Sem querer revelar muito sobre o filme, porque vale mesmo a pena ser visto, Bong mostra-nos mais uma vez, as falhas da nossa sociedade, como já tinha feito em filmes anteriores da sua carreira. Tanto em “Snowpiercer” como em “Okja” vemos uma figura de poder, ditatorial, e em “Okja” vemos também a crueldade dos seres humanos com os animais.
Neste filme foram usados os mesmos designers de efeitos especiais para criar as criaturas que trabalharam nos filmes “The Host” e “Okja” do realizador.
Como já referido anteriormente, o filme aborda também classicismo, um tema familiar na filmografia de Bong como, por exemplo, no filme “Parasite”.
Existe uma clara hierarquia, Mickey está no nível mais baixo da pirâmide e, por causa disso, tratam-no muito mal. O realizador brinca com uma série de perguntas: Porque é que até mesmo nos dias de hoje algumas pessoas são avaliadas como sendo de maior ou menor valor em relação a outras? Quem é que definiu isso? E, porque é que como sociedade nós simplesmente aceitamos isso sem contestar?
Naomi Ackie, que interpreta Nasha, é a única personagem no filme que luta por aquilo em que acredita. Defende as criaturas e luta por Mickey, por quem está apaixonada. É uma personagem corajosa, leal, com um bom coração, incapaz de ficar calada ao presenciar injustiças e que acaba por fazer a diferença.
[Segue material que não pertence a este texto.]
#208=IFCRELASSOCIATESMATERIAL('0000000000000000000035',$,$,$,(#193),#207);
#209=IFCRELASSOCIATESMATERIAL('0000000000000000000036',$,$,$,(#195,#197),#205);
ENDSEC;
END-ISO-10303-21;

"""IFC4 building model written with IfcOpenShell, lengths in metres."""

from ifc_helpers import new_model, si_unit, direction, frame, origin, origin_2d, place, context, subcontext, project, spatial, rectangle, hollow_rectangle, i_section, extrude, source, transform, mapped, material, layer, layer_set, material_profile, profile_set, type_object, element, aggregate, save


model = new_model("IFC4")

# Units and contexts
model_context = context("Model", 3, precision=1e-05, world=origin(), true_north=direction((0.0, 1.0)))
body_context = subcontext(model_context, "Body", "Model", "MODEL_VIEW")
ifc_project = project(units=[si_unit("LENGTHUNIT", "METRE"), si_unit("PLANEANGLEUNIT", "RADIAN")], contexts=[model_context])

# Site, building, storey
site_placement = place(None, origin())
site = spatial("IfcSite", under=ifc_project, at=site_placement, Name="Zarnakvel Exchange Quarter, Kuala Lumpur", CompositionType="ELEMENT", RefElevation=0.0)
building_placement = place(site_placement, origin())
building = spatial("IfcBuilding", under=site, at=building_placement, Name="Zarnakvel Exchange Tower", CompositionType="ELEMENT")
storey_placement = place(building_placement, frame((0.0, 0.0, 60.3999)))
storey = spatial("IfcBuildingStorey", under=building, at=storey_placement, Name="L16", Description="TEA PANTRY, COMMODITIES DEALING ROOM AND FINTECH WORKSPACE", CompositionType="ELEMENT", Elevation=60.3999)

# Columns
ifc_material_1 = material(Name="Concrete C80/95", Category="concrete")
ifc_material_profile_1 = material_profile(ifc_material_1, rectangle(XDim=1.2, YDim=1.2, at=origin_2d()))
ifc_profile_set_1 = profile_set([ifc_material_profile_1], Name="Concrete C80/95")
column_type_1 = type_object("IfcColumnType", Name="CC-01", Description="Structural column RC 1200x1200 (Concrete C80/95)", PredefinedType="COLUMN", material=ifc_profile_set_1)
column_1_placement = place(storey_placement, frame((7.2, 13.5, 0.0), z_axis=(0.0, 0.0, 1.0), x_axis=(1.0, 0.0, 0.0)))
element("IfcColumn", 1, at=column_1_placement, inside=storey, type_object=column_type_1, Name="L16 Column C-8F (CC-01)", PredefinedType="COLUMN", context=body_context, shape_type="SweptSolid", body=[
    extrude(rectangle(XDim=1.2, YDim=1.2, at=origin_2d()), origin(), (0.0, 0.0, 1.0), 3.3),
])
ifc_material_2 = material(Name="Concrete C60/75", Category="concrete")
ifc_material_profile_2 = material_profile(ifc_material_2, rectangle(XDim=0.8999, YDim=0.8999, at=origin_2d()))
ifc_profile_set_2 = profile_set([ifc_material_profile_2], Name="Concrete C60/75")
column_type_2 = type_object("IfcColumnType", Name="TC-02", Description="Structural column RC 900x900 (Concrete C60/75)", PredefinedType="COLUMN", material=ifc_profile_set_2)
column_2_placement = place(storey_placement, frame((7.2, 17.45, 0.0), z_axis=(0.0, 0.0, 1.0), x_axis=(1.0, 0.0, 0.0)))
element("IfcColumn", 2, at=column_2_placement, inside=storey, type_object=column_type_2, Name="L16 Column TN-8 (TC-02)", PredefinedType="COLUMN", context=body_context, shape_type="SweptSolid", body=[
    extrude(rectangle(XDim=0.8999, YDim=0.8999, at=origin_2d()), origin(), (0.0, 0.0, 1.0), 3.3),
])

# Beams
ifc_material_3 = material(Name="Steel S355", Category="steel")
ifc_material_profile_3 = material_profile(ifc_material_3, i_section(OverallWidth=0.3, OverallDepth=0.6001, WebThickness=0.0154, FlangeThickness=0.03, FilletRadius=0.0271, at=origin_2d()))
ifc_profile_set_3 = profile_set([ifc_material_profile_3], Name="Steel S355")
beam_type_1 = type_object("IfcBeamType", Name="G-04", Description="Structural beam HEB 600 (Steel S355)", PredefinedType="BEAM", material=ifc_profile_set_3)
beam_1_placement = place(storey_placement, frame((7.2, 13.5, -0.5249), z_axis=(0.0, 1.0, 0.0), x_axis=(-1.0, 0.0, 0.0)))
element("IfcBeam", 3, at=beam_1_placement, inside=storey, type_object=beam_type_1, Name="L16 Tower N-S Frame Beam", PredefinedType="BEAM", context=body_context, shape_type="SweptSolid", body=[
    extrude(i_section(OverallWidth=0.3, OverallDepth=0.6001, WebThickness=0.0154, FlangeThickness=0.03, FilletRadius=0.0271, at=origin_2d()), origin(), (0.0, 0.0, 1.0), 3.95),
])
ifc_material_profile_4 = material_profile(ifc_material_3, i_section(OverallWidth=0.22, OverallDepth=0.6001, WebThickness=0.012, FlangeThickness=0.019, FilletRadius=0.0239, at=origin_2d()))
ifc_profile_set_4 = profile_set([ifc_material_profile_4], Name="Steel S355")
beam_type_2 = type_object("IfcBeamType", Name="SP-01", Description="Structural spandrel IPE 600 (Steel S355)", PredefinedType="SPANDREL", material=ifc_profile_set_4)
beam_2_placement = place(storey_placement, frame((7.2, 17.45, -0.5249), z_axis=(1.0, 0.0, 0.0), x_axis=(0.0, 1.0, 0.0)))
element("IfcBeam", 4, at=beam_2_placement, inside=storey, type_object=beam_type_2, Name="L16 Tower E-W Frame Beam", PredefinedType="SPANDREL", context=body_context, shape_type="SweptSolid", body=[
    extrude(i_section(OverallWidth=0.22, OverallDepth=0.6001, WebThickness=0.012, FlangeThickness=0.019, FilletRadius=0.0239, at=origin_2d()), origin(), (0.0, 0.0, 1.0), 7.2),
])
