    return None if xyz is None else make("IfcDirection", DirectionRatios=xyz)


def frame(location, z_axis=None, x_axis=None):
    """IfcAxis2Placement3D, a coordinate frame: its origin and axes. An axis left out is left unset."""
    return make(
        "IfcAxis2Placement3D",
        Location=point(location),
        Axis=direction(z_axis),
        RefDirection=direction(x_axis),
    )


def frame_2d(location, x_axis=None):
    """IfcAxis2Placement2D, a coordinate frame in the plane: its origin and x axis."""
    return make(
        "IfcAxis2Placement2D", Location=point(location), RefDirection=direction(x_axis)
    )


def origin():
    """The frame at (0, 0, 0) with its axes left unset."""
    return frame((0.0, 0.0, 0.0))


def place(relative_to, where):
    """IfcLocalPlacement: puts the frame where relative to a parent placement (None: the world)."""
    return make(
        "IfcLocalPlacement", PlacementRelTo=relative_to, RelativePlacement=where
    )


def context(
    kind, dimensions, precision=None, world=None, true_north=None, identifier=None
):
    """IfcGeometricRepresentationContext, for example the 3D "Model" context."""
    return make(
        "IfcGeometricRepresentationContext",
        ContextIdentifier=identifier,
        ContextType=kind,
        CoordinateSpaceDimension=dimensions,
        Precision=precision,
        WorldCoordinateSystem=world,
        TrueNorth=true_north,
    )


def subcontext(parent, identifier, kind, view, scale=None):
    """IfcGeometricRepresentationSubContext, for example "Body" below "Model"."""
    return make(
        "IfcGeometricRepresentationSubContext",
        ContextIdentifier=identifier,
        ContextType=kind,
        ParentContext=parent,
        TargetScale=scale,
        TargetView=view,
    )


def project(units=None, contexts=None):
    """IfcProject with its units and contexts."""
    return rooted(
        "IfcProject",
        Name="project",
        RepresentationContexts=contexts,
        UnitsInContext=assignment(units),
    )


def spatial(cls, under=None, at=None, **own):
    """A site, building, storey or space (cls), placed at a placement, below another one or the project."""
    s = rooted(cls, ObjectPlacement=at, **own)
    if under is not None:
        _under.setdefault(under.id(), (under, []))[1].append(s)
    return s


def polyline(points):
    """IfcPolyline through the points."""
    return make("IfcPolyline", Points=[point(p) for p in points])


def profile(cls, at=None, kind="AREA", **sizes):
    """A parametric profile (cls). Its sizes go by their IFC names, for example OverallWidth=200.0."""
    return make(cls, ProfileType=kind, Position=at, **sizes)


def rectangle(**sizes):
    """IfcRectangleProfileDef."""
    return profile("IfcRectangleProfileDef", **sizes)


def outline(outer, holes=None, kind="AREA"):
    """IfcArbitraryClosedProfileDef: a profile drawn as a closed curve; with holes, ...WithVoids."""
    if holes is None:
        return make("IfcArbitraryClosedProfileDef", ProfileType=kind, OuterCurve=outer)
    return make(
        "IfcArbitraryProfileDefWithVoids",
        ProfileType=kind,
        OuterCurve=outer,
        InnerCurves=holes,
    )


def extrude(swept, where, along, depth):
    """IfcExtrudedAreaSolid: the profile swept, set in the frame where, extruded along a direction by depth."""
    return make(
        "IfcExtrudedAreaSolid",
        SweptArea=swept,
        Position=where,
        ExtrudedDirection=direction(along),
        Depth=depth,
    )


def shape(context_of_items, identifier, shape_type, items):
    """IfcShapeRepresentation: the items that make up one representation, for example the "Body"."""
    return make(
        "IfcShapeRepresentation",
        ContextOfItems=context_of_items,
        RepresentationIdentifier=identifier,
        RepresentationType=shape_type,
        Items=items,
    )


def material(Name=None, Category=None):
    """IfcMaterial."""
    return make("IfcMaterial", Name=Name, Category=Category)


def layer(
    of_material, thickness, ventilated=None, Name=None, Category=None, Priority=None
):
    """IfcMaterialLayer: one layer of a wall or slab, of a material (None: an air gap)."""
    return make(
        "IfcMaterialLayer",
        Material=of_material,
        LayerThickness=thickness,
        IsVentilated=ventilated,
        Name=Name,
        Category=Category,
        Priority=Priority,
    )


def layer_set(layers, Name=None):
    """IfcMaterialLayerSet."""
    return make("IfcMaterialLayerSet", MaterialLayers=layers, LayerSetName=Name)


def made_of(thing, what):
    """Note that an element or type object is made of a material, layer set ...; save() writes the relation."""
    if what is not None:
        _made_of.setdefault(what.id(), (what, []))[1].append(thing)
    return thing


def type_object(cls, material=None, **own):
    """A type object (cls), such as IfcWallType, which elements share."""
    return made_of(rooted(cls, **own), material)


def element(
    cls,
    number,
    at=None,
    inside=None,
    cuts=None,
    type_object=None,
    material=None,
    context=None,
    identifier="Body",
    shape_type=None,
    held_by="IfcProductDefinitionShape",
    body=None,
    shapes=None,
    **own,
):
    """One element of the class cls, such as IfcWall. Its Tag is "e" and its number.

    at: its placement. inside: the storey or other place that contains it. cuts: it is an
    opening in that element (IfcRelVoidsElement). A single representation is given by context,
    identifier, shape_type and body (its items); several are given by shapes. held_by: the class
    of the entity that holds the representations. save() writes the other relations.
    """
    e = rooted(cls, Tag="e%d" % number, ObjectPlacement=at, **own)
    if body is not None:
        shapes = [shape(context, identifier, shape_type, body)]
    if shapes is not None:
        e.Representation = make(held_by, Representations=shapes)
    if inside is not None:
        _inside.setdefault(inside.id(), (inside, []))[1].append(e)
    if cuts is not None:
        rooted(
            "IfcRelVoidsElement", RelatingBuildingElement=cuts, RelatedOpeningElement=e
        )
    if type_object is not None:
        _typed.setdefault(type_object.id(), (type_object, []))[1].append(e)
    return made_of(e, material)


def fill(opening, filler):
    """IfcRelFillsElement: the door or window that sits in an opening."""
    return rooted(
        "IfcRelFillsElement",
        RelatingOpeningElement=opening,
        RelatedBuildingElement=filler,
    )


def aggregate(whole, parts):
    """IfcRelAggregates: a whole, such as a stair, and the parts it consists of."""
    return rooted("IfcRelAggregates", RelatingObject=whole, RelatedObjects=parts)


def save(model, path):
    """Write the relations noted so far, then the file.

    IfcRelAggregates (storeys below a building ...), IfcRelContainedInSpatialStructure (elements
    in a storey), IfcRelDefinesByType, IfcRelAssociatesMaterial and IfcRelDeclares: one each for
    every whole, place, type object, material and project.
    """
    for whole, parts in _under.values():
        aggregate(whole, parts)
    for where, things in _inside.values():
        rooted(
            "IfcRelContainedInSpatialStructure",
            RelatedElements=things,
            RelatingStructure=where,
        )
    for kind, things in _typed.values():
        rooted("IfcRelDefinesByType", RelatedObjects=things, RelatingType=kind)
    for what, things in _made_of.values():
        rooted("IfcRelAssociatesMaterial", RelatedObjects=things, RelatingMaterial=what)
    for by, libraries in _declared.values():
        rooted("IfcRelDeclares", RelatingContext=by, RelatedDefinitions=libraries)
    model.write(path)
A dinâmica entre Nasha e Mickey é amorosa no meio de tanta desumanidade, é perceptível o carinho e luxúria que têm um pelo outro.
Além das personagens principais, Patsy Ferran, que interpreta Dorothy, traz em semelhança a Nasha, um contraste de ética e humanidade, qualidades que os seus colegas cientistas não têm em relação a Mickey e às criaturas. Uma atuação surpreendente.
Steve Yeun, que interpreta Timo, é uma personagem que faz de tudo para sobreviver, mesmo que isso signifique sacrificar o único amigo que tem na nave, Mickey. Não é necessariamente um vilão mas é muito egoísta, uma personagem talvez menos óbvia de vermos num filme de ficção científica.
O filme foi todo filmado nos Warner Bros Studios em em Leavesden, Hertfordshire, Inglaterra.
Para criar a ilusão de neve foram usadas toneladas de sal cobrindo o estúdio todo.
A diretora de arte, Fiona Crombie, quis usar elementos que fossem da Terra apesar do cenário futurístico, conseguindo um equilíbrio entre ambos.
Inspirou-se na estética de navios de carga e submarinos para a nave espacial, dando-lhe um ar mais decadente.
Bong Joon Ho é um realizador sensível e consciente que reflete sobre os problemas do mundo nos seus filmes. Nunca falha em deixar o público emocionado e a refletir e absolutamente incrédulo com a sua originalidade e mestria.
Neste momento, já está a trabalhar no seu próximo projeto: um filme de animação CGI com criaturas, que será, certamente, extraordinário.